Mr. Nardelli also planned to move aggressively overseas, particularly into China, where the company acquired a retail chain in December.

During his tenure, Home Depot doubled its sales and sharply increased its earnings per share.

Yet while the board backed his vision for the company, shareholders were less enthused. The stock has barely budged over his tenure.

Because of that lackluster performance, critics sought to make Mr. Nardelli Exhibit A for chief executives who receive millions and millions of dollars in pay for weak performance.

Many of those critics took aim at Home Depot’s board, which they argued was cozy and tight-knit, with close ties between one another and with G.E. Sitting at the center of Home Depot’s board is Mr. Langone, who has been the longstanding chairman of the board’s nominating committee and who some critics say has loaded up the board with many of his friends and former business associates. A proponent of paying chief executives well for their performance, Mr. Langone has long supported Mr. Nardelli’s generous contract.

As chairman of the compensation committee at the New York Stock Exchange, Mr. Langone also signed off on Richard A. Grasso’s largest pay days as chairman and he remains embroiled in a civil suit over Mr. Grasso’s $139.5 million pay package.

Mr. Langone did not return calls for comment.

The lawyer who represented the New York exchange was the same lawyer who represented the board of Home Depot: Martin Lipton, the takeover lawyer who founded Wachtell, Lipton, Rosen & Katz.

Mr. Lipton, a longtime friend of Mr. Langone, was originally hired to help defend Mr. Nardelli and the board against Relational Investors, an owner of Home Depot shares that has challenged Mr. Nardelli’s strategies in regulatory filings. Mr. Lipton has often found himself in the middle of sticky situations where the chief executive is ousted and paid an enormous golden parachute. Mr. Lipton also worked for Morgan Stanley’s board when Phillip Purcell was fired. He did the same for Disney when Michael D. Eisner was terminated. While many of Home Depot’s critics were elated that Mr. Nardelli was leaving the company, they expressed shock at the size of his departure pay package.

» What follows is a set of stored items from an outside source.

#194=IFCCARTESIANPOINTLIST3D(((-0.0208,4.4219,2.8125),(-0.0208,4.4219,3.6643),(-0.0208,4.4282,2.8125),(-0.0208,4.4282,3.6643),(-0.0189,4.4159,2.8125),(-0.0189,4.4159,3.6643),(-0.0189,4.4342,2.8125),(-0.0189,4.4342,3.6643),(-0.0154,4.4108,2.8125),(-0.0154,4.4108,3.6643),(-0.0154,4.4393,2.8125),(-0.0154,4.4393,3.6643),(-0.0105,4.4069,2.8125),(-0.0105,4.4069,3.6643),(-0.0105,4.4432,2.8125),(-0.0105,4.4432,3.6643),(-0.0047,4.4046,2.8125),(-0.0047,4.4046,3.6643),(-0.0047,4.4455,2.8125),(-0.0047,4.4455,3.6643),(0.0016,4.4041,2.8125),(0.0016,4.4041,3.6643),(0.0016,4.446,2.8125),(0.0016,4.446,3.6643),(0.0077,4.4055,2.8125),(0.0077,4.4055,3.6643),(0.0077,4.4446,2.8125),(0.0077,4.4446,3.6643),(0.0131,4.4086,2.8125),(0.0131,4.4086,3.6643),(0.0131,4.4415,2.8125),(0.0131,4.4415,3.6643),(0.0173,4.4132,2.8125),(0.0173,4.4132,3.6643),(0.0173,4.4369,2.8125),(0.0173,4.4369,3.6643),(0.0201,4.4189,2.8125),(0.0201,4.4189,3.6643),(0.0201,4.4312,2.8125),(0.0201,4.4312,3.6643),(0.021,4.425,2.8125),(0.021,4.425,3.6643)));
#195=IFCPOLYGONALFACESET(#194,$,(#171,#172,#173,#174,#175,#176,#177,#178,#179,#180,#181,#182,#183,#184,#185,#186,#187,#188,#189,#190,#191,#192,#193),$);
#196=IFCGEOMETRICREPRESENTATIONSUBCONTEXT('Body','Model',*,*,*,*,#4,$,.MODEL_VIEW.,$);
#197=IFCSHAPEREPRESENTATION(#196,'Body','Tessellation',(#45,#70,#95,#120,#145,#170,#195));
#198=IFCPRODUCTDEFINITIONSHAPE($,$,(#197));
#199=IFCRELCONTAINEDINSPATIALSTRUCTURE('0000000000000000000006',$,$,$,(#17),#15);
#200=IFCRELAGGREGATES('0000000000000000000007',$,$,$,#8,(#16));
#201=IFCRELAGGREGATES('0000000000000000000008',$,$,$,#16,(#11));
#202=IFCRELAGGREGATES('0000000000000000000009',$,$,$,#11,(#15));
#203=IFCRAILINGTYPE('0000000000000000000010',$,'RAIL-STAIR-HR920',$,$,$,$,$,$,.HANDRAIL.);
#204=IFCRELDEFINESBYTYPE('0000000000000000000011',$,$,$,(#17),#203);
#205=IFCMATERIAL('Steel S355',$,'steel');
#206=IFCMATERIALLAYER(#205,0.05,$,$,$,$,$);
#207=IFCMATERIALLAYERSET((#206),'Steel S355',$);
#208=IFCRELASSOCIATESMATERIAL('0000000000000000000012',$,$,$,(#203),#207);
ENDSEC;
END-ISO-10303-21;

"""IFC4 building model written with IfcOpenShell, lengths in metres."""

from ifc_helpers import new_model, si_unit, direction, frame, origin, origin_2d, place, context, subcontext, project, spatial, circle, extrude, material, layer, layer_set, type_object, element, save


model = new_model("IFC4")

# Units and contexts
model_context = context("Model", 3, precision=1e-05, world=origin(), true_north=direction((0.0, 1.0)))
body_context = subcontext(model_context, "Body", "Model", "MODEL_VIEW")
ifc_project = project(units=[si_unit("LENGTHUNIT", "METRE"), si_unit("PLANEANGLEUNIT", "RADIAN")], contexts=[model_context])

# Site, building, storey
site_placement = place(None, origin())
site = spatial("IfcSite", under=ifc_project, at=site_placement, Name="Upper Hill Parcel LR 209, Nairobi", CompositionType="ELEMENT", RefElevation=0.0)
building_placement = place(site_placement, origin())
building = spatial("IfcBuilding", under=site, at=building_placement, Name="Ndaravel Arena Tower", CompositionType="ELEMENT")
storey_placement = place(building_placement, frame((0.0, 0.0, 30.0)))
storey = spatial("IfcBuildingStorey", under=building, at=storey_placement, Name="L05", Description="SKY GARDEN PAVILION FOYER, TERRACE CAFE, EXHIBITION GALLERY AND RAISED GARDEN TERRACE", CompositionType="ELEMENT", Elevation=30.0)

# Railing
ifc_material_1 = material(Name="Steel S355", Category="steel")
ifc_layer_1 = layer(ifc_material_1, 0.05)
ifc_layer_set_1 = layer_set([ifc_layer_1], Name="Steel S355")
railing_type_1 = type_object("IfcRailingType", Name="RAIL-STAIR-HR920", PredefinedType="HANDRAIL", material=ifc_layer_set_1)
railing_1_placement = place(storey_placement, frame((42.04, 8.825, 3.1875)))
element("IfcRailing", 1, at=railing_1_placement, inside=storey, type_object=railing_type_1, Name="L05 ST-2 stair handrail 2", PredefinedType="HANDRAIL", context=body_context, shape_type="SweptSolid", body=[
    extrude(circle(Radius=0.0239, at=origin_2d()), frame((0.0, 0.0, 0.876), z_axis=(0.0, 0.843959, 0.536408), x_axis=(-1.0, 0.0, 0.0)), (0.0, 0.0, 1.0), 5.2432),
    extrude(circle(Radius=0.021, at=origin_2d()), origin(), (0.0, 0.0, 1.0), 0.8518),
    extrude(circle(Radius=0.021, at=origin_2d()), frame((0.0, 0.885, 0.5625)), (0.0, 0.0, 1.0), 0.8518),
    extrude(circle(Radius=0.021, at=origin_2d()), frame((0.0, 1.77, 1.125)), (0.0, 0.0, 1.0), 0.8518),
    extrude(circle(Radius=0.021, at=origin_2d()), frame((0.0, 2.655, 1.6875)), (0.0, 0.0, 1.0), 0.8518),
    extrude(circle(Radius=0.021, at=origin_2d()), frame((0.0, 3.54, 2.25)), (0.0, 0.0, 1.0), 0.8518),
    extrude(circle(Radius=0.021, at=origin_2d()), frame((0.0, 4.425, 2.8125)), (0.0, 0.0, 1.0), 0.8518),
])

“We’re aghast at the level of compensation that Nardelli is walking away with — this is money directly out of shareholders’ pockets,” said Richard Ferlauto, the director of pension investment policy for the American Federation of State, County and Municipal Employees, whose pension fund owns shares in the company.

Furthermore, if Home Depot is trying to distance itself from Mr. Nardelli, Mr. Blake is a strange choice, some Wall Street analysts said. Like Mr. Nardelli, Mr. Blake has little retail experience. He spent much of his career at G.E. and helped develop the Home Depot supply business.

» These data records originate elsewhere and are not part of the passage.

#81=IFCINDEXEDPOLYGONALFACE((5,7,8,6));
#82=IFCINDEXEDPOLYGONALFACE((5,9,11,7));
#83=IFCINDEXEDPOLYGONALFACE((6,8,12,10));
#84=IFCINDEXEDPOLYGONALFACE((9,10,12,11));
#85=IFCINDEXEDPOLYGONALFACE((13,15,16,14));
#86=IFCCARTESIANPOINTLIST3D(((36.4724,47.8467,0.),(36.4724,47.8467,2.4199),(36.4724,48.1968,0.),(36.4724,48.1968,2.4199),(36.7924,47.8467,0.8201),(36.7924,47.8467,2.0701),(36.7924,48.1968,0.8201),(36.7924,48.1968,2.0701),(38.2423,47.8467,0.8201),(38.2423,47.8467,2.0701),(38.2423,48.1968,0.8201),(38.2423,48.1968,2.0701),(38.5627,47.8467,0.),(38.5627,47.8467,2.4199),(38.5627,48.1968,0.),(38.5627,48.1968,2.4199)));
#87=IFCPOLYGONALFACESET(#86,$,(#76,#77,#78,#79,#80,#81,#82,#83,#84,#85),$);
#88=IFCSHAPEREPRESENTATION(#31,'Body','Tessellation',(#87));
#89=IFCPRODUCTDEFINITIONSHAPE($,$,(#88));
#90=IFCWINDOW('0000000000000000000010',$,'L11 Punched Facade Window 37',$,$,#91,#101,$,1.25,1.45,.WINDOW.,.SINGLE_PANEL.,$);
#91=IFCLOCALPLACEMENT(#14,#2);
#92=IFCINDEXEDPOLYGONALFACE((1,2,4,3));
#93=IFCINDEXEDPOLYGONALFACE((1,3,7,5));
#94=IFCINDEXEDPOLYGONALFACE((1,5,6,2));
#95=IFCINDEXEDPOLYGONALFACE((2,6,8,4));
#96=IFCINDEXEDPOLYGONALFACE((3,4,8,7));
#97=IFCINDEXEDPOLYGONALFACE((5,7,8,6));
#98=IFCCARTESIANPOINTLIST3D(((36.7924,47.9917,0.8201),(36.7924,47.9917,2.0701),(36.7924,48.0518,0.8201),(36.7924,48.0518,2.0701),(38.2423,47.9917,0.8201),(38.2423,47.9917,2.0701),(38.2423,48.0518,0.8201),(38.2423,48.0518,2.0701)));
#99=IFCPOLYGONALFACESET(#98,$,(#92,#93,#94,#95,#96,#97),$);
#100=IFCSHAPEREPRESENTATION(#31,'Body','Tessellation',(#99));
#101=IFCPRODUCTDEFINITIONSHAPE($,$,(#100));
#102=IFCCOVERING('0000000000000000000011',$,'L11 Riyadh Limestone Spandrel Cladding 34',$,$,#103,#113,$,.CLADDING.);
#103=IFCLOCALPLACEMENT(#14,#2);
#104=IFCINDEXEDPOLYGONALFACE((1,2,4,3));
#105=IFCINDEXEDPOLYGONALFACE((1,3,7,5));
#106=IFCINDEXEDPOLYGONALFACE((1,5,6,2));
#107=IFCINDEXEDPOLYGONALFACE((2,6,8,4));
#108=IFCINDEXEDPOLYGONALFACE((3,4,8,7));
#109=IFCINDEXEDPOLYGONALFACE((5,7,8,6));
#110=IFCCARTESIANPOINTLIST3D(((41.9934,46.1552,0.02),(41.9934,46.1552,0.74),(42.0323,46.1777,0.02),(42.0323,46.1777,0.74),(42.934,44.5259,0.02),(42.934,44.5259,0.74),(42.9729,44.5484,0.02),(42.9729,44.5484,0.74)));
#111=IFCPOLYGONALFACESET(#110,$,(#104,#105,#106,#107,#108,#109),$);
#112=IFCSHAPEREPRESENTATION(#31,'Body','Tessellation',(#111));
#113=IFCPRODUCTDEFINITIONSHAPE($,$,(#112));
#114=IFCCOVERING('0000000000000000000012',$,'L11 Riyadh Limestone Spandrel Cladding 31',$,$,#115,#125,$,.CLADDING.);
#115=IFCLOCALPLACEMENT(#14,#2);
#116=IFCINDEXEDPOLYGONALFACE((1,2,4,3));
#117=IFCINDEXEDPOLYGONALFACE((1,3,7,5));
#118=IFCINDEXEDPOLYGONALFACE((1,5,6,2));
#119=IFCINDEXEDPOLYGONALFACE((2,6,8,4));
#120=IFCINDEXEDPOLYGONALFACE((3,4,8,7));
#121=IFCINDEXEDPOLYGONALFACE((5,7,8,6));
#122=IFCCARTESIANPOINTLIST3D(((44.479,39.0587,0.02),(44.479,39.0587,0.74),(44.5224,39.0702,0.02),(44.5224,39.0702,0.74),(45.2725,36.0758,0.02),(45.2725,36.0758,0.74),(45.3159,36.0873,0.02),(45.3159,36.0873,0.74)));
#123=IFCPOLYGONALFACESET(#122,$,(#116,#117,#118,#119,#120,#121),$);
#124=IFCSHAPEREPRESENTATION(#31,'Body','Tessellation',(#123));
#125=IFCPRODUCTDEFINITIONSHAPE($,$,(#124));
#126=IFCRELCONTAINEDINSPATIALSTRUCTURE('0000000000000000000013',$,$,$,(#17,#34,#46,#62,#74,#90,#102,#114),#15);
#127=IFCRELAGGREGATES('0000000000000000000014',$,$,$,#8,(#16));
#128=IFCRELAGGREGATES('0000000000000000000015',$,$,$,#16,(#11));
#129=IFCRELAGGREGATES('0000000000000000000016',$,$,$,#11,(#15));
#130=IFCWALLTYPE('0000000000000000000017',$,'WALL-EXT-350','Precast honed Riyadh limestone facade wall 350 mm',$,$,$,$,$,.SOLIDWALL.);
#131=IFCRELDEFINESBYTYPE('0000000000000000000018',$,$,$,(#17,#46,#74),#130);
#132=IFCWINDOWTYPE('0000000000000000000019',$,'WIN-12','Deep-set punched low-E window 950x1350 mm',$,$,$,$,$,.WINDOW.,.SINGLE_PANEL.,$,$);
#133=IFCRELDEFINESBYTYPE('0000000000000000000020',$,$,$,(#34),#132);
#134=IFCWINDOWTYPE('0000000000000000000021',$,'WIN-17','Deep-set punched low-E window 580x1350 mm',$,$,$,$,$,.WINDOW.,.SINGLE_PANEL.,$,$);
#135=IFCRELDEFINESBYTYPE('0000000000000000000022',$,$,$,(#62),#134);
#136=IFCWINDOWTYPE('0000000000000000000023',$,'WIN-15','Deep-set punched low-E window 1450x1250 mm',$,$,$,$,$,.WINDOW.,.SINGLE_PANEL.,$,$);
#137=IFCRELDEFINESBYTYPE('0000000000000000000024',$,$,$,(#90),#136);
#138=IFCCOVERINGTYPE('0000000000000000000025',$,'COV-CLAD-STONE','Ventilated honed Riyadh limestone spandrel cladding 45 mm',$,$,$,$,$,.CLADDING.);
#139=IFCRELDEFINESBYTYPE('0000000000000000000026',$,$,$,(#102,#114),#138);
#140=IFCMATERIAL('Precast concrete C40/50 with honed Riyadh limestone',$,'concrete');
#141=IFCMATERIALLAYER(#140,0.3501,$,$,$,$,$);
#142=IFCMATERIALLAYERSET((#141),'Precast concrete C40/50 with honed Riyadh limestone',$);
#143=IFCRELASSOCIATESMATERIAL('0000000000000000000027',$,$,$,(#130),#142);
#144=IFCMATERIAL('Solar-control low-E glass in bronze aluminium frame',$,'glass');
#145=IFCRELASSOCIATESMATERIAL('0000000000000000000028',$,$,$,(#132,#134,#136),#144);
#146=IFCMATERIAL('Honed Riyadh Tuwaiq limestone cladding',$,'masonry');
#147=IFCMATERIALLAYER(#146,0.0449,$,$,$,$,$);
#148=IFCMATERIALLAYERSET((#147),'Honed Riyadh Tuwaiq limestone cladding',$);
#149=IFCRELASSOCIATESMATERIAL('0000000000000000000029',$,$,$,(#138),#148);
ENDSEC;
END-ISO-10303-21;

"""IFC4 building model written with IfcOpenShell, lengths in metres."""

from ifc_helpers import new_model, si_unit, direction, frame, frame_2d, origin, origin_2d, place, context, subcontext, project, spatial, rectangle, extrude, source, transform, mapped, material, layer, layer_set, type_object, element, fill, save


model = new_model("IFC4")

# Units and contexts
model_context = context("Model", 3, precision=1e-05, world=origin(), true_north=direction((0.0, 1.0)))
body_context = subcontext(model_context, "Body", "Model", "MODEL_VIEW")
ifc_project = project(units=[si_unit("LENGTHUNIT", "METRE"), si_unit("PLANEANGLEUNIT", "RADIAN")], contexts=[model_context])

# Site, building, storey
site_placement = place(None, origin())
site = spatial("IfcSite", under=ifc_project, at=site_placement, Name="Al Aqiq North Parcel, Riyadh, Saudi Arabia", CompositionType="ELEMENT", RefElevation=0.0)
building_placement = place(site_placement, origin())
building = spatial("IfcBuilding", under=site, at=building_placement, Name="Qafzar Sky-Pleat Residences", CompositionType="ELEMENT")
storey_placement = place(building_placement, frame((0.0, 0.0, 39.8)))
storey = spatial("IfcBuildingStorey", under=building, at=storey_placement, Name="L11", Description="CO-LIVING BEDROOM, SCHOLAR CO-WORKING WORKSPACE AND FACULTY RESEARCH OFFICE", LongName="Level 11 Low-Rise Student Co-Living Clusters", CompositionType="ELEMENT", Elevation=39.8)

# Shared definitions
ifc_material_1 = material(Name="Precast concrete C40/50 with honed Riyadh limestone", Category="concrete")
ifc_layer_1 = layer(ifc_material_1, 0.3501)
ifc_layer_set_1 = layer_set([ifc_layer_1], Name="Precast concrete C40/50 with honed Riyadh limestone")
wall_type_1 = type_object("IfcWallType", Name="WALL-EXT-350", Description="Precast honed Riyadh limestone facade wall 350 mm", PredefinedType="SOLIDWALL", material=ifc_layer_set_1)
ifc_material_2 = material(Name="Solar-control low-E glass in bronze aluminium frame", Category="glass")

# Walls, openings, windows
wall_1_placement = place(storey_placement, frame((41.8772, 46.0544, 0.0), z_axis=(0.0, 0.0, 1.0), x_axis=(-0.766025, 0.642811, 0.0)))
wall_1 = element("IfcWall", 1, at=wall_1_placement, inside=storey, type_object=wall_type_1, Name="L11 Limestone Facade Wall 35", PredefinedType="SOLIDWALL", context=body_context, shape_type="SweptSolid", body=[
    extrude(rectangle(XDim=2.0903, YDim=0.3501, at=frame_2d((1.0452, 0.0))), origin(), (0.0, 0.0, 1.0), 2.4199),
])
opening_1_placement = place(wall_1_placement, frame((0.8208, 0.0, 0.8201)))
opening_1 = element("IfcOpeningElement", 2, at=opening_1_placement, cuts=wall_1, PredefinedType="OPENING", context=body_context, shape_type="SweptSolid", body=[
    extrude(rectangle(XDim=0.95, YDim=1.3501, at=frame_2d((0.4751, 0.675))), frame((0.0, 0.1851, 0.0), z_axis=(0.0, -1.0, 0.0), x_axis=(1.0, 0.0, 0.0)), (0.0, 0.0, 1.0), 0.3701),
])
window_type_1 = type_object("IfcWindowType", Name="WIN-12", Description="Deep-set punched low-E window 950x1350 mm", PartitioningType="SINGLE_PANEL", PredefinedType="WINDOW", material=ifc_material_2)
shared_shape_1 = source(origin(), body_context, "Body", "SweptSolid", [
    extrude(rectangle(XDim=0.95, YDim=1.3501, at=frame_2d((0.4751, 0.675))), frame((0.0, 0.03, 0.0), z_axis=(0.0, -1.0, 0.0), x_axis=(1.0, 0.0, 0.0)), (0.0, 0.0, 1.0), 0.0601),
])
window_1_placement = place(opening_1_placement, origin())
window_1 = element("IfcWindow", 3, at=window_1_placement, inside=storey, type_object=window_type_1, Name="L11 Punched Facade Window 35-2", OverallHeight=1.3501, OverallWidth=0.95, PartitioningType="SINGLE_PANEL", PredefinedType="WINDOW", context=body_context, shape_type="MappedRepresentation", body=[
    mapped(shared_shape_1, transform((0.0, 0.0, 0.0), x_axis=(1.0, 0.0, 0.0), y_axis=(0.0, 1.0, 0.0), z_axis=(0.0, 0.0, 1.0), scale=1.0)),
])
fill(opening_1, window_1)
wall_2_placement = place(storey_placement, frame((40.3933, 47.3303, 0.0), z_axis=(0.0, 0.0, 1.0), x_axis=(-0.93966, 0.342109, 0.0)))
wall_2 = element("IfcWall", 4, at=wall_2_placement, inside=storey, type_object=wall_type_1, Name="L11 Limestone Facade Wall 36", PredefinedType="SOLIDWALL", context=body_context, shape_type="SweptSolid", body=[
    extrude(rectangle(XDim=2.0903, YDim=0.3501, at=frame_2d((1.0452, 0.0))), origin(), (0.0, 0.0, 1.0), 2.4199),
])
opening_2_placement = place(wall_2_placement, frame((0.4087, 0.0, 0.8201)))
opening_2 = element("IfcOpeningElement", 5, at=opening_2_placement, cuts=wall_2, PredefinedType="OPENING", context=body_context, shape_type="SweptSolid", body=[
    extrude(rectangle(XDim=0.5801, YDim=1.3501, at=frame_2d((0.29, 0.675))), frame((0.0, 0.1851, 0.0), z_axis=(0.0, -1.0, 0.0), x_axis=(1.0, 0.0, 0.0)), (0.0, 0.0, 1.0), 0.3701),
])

“There will be some pushback to his appointment,” said Stephen C. Chick, an analyst with J. P. Morgan Securities.

Analysts said the performance of Home Depot’s retail business, which has lagged behind that of its main rival, Lowe’s, for several years, lay at the heart of Mr. Nardelli’s troubles.

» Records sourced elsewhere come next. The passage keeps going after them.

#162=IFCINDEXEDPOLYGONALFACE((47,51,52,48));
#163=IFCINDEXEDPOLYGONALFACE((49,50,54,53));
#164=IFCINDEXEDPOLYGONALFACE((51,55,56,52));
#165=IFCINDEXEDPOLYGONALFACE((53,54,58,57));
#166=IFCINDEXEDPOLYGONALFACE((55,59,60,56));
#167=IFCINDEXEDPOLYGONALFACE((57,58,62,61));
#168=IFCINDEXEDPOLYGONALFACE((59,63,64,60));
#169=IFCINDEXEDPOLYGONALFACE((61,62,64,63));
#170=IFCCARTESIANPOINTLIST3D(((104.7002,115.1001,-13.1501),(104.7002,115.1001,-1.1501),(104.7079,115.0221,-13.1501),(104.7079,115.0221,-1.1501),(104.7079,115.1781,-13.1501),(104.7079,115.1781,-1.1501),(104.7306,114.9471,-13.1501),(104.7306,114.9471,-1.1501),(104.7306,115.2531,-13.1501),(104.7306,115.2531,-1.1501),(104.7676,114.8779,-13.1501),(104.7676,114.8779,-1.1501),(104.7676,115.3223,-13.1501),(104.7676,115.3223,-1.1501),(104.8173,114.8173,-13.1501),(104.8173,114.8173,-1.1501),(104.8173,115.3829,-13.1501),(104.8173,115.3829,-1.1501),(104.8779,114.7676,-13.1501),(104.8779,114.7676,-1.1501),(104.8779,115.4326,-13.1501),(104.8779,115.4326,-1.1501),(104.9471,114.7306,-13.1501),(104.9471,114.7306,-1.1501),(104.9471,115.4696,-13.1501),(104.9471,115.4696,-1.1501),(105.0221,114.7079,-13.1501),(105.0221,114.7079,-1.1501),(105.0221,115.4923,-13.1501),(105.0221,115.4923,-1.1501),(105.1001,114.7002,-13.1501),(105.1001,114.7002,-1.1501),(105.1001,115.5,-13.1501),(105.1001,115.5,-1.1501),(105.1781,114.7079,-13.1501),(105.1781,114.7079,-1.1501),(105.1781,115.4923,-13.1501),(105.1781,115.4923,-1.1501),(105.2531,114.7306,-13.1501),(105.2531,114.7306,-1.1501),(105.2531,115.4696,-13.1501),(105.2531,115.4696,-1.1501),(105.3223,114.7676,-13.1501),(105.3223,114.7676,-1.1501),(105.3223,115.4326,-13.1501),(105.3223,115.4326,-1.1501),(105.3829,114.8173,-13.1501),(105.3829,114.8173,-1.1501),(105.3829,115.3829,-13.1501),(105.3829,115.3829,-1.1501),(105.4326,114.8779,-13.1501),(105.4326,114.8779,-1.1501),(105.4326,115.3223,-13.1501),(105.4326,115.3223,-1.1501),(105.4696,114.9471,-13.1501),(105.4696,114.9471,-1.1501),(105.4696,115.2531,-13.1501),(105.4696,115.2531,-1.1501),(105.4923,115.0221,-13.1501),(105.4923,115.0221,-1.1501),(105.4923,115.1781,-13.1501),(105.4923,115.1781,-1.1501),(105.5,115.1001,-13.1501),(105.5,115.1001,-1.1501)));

Mr. Nardelli’s original strategy of sharply cutting costs — by reducing employees’ hours and hiring more part-timers — alienated loyal customers, who relied on experienced store staff for advice.

“Home Depot was managing the company for Wall Street’s earnings expectations and that came at the expense of the investment needed in their retail business,” Mr. Chick said.

Mr. Nardelli “has to take the blame for that,” Mr. Chick said.

Far from cooling down shareholders angry over Mr. Nardelli’s pay and other corporate governance issues, Mr. Nardelli’s departure seems to have instead inflamed them.

“It’s not enough to shuffle the deck chairs; they haven’t changed their strategy and there isn’t any fresh blood on the board,” said Ralph Whitworth, who heads Relational Investors, which owns about $1 billion of Home Depot’s stock, or about a 1.2 percent stake.

About three weeks ago, Mr. Whitworth notified Mr. Nardelli in a letter that he was intending to call on shareholders to create a committee to study Home Depot’s direction and performance and planned to submit at least two candidates for the board.

Yesterday, Mr. Whitworth said those plans had not changed.

“There’s clearly some big, big corporate governance issues here and I don’t expect that to change without fresh blood on the board,” he said.